\( \sum _ { i = 2 } ^ { m } 32 ( 2 ) ^ { 4 - i } < 250 \)

To solve the inequality \( \sum _ { i = 2 } ^ { m } 32 ( 2 ) ^ { 4 - i } < 250 \), let's first simplify the sum: Notice that \( 32(2)^{4 - i} \) can be rewritten for each \( i \): - For \( i=2 \): \( 32(2)^{4-2} = 32(2^2) = 32 \cdot 4 = 128 \) - For \( i=3 \): \( 32(2)^{4-3} = 32(2^1) = 32 \cdot 2 = 64 \) - For \( i=4 \): \( 32(2)^{4-4} = 32(2^0) = 32 \cdot 1 = 32 \) Continuing this, we see a pattern: \[ \sum_{i=2}^m 32(2)^{4-i} = 32 \left( 2^2 + 2^1 + 2^0 + \ldots + 2^{4-m} \right) \] This is a finite geometric series where the ratio is \( \frac{1}{2} \) up to \( m \) terms, starting from \( \frac{32}{4} \) when \( i=2 \) down to \( \frac{32}{2^{m-1}} \) when \( m \) is increased.
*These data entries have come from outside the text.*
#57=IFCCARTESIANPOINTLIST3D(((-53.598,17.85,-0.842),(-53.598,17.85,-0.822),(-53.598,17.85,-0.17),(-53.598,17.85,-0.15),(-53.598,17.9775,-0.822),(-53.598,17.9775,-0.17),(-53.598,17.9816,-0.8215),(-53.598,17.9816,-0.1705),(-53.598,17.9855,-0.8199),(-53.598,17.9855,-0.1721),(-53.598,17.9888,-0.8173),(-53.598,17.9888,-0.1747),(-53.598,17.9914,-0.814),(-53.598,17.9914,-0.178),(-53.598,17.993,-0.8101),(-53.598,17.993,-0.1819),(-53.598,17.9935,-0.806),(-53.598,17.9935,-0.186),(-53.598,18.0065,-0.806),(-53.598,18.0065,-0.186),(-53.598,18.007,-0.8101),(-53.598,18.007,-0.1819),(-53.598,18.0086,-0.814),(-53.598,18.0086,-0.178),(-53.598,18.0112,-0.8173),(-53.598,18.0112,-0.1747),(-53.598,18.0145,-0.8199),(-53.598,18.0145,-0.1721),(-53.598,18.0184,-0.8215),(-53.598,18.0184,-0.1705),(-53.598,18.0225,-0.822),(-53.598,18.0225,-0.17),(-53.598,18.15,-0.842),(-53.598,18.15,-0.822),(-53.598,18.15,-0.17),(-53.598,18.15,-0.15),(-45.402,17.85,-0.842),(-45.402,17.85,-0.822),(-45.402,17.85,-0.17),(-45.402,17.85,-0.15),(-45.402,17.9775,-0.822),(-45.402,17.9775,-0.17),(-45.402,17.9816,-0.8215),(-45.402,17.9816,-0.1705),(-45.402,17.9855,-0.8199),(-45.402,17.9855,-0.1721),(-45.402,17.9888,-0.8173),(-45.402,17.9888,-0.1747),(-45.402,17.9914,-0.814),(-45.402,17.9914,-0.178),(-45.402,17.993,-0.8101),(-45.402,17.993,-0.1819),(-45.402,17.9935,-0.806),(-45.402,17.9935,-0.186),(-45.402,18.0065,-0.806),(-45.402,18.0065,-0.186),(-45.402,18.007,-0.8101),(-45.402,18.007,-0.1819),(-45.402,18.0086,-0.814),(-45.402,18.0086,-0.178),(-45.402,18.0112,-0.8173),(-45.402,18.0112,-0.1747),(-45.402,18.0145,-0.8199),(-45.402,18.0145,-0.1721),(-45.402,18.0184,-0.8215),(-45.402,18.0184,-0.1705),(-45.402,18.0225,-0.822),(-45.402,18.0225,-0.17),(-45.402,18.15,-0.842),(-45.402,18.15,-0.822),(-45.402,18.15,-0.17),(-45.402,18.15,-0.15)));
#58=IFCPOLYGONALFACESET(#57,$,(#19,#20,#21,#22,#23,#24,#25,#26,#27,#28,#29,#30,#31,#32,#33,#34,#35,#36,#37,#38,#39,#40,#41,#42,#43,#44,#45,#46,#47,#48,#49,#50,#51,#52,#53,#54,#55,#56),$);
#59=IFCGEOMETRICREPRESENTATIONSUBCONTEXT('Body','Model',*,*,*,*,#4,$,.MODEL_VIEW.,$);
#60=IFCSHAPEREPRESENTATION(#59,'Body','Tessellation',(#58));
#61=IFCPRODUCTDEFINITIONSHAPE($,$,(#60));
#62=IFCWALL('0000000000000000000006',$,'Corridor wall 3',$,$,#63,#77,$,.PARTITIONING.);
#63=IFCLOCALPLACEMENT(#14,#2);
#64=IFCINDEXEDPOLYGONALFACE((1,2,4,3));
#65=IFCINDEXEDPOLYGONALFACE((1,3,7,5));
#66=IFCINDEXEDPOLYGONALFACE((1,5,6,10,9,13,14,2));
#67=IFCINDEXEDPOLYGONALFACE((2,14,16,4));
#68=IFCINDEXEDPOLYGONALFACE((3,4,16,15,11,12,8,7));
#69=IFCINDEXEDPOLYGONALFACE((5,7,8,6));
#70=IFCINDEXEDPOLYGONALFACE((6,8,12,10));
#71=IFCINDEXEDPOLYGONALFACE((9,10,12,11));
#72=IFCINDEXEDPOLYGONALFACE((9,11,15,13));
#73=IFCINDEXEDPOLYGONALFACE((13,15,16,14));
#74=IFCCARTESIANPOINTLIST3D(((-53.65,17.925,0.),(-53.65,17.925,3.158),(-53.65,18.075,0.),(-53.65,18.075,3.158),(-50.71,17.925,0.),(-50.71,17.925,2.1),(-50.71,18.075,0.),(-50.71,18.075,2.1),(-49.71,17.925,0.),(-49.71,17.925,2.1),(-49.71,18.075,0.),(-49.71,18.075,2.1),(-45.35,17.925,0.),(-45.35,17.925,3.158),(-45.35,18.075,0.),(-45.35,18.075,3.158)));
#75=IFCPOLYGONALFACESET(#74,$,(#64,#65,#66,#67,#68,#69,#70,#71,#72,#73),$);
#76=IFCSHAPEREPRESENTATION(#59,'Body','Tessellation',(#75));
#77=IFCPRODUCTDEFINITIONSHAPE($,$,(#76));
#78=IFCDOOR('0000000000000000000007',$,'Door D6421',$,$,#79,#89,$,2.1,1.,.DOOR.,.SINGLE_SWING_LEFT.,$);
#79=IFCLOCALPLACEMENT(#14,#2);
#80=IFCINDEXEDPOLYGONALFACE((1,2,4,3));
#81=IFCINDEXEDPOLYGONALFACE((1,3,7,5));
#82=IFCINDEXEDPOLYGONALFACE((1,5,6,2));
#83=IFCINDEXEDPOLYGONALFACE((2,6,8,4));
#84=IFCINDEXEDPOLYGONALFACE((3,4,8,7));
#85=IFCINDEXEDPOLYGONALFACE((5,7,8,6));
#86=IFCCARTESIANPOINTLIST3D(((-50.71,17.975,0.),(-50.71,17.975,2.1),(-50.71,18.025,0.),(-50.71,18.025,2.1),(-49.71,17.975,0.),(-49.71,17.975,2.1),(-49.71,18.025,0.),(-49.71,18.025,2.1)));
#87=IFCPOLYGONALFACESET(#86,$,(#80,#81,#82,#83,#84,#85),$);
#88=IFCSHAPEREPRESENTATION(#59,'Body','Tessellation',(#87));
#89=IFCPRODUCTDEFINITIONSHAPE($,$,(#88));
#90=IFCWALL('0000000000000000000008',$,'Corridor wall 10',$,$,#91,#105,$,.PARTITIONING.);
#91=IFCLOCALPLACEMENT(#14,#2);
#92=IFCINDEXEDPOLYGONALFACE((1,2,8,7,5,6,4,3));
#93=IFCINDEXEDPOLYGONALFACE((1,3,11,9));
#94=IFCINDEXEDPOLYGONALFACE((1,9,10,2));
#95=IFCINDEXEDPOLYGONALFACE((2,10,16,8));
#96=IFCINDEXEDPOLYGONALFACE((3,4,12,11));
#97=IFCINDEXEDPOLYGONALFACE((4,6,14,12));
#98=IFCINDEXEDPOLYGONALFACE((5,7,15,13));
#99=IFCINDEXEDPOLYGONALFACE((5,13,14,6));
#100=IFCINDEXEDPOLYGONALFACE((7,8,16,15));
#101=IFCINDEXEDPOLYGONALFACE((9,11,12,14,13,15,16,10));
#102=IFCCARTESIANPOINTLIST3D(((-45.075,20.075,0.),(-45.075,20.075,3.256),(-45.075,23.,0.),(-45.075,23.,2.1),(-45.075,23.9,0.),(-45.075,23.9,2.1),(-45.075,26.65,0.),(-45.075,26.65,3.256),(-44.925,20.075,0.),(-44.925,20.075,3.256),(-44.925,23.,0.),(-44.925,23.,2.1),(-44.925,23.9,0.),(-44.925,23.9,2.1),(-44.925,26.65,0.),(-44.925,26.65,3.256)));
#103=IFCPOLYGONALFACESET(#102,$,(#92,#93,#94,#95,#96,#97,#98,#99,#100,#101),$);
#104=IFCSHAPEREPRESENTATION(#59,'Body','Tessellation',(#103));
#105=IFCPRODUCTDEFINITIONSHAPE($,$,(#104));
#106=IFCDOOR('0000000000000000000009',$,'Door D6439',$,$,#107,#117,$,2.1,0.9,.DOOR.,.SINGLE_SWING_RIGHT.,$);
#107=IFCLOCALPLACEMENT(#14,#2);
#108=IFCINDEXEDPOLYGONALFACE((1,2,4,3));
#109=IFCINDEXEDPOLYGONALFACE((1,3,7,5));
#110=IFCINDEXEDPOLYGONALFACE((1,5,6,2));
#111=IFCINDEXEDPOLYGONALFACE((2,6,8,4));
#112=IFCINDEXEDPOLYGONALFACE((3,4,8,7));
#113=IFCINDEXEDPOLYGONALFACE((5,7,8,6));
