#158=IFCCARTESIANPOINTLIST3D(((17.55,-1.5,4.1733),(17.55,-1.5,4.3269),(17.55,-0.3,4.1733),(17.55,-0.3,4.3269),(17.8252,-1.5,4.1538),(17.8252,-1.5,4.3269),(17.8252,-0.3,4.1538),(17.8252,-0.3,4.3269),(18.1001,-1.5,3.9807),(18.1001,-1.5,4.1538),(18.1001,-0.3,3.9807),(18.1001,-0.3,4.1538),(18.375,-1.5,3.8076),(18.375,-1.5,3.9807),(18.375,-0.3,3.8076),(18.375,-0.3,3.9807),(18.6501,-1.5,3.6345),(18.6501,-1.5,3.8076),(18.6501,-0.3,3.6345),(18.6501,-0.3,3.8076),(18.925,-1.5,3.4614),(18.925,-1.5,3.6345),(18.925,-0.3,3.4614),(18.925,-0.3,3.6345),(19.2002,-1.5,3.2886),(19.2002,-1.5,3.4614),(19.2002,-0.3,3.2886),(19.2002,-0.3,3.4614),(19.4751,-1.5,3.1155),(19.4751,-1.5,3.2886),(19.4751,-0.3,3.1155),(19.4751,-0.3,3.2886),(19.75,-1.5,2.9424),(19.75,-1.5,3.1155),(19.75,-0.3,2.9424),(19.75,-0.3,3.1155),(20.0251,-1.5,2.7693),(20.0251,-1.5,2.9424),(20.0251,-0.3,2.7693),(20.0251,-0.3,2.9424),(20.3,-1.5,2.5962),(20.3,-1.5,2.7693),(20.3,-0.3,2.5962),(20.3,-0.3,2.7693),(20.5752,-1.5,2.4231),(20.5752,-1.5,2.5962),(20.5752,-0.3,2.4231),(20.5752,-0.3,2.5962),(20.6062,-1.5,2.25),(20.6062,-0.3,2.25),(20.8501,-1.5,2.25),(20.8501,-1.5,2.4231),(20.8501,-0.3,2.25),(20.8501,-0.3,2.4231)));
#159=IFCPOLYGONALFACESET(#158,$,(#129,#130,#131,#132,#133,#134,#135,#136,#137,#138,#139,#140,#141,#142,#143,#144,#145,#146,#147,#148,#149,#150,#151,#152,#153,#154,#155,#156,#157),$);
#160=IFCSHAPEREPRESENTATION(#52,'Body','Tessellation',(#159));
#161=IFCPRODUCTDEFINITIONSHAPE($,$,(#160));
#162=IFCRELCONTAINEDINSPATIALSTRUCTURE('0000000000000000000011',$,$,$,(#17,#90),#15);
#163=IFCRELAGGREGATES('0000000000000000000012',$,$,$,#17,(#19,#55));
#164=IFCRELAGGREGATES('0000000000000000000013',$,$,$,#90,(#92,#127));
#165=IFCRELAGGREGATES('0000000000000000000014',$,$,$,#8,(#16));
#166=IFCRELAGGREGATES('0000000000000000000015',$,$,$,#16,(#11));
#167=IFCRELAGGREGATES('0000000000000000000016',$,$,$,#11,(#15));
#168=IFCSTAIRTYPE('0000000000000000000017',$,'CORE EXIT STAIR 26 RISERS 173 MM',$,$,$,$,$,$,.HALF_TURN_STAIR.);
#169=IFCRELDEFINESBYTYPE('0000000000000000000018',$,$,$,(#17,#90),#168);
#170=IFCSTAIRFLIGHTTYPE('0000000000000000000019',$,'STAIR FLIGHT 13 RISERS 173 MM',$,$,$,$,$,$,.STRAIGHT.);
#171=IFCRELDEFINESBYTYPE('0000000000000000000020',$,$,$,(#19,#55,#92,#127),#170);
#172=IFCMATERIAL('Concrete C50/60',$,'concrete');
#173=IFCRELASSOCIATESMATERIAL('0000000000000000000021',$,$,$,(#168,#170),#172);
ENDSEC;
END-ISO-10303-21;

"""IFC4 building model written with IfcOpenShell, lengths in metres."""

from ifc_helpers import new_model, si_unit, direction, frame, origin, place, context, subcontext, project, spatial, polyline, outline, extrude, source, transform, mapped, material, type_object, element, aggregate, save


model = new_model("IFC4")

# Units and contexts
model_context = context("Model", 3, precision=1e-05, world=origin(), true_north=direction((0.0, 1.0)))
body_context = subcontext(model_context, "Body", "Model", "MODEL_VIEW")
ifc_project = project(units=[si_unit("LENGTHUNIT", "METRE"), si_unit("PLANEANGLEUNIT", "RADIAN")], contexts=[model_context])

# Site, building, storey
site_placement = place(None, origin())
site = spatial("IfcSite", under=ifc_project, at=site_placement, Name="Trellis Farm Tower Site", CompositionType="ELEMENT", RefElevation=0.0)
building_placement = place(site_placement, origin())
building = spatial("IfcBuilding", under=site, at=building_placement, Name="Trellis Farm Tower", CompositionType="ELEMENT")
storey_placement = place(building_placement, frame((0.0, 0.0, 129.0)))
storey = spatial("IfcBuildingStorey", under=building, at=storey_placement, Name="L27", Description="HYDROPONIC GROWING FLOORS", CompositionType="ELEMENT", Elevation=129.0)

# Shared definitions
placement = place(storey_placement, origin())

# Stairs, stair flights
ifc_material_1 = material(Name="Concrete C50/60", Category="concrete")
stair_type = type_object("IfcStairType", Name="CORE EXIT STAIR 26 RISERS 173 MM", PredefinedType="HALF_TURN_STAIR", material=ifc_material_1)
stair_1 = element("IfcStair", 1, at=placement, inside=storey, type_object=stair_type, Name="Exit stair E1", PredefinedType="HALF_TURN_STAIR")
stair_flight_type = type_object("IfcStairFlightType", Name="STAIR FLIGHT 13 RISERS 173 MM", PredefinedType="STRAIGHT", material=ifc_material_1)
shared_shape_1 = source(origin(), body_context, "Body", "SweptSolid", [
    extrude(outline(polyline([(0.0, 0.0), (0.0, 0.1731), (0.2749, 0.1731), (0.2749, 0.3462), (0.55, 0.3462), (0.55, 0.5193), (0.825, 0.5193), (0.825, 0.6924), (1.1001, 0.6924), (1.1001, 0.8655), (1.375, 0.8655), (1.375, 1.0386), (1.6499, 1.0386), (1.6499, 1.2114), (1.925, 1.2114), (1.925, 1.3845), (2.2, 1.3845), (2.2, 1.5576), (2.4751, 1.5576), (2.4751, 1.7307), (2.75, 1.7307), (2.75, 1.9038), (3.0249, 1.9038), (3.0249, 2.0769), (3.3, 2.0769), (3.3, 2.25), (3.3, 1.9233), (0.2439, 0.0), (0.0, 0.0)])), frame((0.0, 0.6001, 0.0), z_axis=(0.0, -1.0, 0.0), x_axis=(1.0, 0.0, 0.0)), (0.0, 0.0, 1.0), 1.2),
Now we can rewrite the sum: \[ S = 32 \sum_{k=0}^{m-2} (2^k) \] Using the formula for the sum of a geometric series \( S = a \frac{1-r^n}{1-r} \) where \( a \) is the first term and \( r \) is the common ratio: \[ = 32 \cdot \frac{2^0 (1 - (1/2)^{m-1})}{1 - 1/2} \] \[ = 32 \cdot \frac{(1 - (1/2)^{m-1})}{(1/2)} \] \[ = 64 (1 - (1/2)^{m-1}) \] Setting up our inequality: \[ 64 (1 - (1/2)^{m-1}) < 250 \] \[ 1 - (1/2)^{m-1} < \frac{250}{64} = 3.90625 \] Subtract \( 1 \) and multiply by \(-1\) we get: \[ (1/2)^{m-1} > 1 - \frac{250}{64} = -2.90625 \] Since the left side \( (1/2)^{m-1} \) is always positive, and \( -2.90625 \) is a negative number, therefore this condition is satisfied. To find the maximum \( m \), set up: \[ 64 (1 - (1/2)^{m-1}) < 250 \rightarrow (1/2)^{m-1} < \frac{64}{250} \] \[ (1/2)^{m-1} < \frac{64}{250} \] Determine its logarithm or successively checking values of \( m \). Hence m= 6 is the valid integer satisfying the original condition: \[ \sum _ { i = 2 } ^ { 6 } 32 ( 2 ) ^ { 4 - i } < 250 \] Thus, the solution to \( \sum _ { i = 2 } ^ { m } 32 ( 2 ) ^ { 4 - i } < 250 \) is \( m = 6 \).